Been getting some nice stripers off and on at AI, very few decent blue. Just wondering what my northern brothers and sisters may be seeing. The action here should be getting close, but as for me this fall so far, one striper about 29". I keep thinking and hoping "next time", and well with me, next time is about once a week, twice if my wife sees me in a bad mood.

Have Jeep will travel.


----------



## Fordcrew (Oct 26, 2002)

Shaggy, the blues are here in full force right now in NJ. Personally witnessed them running bait up on the beach Wed.As for stripers I havent been very lucky but I read a lot of reports about big ones being landed.
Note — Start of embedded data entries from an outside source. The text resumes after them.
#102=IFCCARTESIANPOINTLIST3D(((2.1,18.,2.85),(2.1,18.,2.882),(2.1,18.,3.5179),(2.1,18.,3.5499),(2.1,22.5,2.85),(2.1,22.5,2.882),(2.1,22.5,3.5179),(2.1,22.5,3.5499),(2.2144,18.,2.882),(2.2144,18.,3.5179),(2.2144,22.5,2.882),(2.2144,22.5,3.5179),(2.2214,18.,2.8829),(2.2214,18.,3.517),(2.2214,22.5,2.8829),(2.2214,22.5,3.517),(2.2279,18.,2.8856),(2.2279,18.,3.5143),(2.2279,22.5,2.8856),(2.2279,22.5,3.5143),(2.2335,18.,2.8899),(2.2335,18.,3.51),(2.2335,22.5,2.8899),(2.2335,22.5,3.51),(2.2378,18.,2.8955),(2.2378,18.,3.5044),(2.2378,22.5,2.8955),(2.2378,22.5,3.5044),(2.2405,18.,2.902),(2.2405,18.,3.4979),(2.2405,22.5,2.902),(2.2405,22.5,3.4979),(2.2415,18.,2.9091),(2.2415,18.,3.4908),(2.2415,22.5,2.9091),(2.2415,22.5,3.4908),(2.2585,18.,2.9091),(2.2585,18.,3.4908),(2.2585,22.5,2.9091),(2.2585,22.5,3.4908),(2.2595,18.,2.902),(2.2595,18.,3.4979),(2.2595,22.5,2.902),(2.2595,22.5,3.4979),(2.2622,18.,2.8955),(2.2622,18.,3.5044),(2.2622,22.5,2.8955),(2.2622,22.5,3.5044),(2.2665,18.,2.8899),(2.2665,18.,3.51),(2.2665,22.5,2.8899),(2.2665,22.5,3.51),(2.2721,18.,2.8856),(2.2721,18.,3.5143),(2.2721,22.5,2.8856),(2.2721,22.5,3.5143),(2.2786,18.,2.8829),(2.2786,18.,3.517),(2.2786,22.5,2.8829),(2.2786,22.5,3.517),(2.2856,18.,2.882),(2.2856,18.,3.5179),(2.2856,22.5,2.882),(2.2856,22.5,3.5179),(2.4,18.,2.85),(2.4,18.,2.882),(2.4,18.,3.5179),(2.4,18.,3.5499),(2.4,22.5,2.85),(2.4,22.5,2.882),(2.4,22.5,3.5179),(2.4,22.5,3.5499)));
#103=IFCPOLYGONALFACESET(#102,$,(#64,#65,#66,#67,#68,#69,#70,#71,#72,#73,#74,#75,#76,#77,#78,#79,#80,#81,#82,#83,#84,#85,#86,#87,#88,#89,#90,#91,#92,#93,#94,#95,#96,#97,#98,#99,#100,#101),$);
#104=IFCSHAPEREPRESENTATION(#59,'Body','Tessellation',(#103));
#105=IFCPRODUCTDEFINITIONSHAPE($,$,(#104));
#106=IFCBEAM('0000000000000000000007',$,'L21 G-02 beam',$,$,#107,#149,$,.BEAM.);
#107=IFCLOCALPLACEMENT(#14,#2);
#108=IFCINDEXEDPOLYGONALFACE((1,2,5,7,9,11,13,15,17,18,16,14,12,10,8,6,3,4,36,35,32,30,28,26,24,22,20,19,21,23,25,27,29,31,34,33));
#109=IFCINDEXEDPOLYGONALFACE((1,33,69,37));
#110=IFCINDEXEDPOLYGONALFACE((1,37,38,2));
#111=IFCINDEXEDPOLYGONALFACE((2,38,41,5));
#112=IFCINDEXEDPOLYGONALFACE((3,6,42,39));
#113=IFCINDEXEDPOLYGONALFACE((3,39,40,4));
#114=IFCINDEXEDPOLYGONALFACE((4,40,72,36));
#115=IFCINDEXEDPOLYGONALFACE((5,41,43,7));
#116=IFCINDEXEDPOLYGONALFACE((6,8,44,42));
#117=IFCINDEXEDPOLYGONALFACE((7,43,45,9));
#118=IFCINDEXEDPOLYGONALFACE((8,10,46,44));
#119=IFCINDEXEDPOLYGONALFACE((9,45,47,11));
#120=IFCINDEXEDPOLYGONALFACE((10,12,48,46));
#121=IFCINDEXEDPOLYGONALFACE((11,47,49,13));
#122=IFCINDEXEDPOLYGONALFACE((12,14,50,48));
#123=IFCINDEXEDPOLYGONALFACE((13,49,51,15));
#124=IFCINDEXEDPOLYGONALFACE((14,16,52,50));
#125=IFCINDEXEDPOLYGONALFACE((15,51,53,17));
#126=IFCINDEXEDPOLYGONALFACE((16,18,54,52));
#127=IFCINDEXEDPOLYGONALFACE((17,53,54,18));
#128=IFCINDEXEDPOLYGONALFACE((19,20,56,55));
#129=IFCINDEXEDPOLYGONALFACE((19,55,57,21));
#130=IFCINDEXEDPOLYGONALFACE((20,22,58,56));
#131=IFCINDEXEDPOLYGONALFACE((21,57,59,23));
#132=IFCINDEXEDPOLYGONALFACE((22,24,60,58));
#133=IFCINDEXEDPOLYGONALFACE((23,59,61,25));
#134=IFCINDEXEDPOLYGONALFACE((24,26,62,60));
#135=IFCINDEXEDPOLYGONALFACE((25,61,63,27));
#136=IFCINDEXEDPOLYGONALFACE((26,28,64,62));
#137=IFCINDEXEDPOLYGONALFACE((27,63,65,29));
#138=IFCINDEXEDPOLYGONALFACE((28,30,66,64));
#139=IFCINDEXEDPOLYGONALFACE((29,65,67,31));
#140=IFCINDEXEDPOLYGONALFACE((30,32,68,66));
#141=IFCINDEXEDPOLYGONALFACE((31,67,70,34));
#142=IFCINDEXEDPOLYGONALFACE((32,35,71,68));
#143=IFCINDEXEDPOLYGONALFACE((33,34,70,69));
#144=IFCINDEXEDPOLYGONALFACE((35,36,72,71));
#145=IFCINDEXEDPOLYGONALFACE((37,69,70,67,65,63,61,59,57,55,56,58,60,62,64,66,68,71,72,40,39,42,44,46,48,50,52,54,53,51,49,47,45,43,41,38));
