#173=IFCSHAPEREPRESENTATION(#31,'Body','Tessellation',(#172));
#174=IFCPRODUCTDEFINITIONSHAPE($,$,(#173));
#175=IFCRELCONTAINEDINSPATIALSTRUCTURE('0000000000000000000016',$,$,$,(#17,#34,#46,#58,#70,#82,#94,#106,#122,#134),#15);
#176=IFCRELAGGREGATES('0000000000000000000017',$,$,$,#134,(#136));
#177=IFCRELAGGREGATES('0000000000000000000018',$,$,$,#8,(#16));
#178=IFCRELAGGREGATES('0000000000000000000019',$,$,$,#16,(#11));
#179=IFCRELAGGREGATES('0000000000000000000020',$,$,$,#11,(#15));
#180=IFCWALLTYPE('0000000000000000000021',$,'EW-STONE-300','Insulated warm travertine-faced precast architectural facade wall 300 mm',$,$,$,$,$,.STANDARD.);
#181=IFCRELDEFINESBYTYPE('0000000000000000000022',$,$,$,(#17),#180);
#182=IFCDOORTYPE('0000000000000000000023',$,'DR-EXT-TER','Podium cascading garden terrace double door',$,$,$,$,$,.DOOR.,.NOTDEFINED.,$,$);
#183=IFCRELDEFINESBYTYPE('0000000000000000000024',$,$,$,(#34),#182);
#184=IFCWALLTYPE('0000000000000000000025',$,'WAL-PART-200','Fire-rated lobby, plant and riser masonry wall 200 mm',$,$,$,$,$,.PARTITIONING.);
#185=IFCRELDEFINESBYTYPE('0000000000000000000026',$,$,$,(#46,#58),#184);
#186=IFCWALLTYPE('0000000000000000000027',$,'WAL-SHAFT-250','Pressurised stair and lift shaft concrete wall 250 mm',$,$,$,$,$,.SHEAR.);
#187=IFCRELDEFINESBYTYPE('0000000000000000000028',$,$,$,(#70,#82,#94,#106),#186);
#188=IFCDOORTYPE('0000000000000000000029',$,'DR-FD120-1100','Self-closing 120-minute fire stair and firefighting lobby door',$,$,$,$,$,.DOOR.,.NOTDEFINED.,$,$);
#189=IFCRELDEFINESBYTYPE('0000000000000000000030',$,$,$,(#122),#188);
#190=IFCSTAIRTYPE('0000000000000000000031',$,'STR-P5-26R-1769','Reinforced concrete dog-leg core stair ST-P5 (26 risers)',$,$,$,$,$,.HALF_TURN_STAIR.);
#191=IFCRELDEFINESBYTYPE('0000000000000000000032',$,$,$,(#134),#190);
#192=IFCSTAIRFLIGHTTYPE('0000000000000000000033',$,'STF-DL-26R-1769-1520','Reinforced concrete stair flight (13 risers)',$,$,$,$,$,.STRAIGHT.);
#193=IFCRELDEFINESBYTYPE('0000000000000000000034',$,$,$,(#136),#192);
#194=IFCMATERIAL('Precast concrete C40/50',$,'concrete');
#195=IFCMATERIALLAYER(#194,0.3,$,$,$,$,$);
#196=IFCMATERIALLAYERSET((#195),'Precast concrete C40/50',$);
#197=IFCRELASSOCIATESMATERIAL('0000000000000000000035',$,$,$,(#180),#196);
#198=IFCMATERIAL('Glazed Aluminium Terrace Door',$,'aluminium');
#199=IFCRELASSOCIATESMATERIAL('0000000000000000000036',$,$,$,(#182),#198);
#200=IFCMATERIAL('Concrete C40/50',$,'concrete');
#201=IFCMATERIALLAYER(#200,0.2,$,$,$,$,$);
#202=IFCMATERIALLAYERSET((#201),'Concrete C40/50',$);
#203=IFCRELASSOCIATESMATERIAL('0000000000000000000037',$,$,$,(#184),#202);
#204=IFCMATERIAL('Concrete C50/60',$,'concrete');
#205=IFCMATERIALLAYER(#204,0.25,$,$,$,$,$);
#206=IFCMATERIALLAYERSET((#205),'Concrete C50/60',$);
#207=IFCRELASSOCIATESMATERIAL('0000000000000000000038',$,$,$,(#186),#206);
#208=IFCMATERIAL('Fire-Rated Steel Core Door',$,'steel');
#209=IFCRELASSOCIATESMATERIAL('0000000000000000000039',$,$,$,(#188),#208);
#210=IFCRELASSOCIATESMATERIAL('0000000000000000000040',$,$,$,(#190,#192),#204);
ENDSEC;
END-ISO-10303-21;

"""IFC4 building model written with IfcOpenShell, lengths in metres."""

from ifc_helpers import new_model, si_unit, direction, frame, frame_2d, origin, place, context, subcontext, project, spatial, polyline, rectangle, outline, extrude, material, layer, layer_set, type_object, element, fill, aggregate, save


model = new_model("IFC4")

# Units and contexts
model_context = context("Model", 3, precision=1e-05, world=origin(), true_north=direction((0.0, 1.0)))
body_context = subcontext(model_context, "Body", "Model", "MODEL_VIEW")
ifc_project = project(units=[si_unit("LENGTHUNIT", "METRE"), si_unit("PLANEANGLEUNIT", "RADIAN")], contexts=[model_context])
Unfortunately I only get out about once or twice a week so my report may be a little thin.Man I wish I could be out ther every day like some guys down there!


----------



## shaggy (Jun 18, 2003)

Well, a 26" striper and a 31" blue. Could we be close?

Have Jeep will travel.


----------



## woodie (Sep 6, 2002)

*Where in New Jersey are the blues??*

Hi we fished the Atlantic City area Sat.and Sun. and not one blue.
Where are the blues???? I saw a hand full of short tog caught on Sat. One 30" striper Sun. about 8:30A.M. and a dozen or so short tog caught. If don't count the skates I got skunk!!


----------



## flatfish (Nov 14, 2002)

fished sun 11/16 , nothing ,didn't see anyone catching anything either!


----------



## Duke of Fluke (May 22, 2002)

Flatfish,

I hear lots of good reports from your part of the state. Lots of blues from the hook all the way down to LBI. Things are slower further south. This is just from reports, not first hand experience. I'm thinking of giving it a shot this week or next.


----------



## flatfish (Nov 14, 2002)

hello duke, were they boat reports? the surf was very calm and flat on sunday,


----------



## Duke of Fluke (May 22, 2002)

Surf. From what I hear you have to be mobile. The fish pop up and go nuts for a while then the boats charge in and put them down. The fish pop back up down the beach. I'd guess weekdays are better. I might fish Thanksgiving morning.


----------



## woodie (Sep 6, 2002)

*Is it the boats????*

If the boats were the reason for the slow weekend then that's a valid reason. There were lots and lots of boats between A.C. and Brigantine.....drifting and achored but we didn't see any action.


----------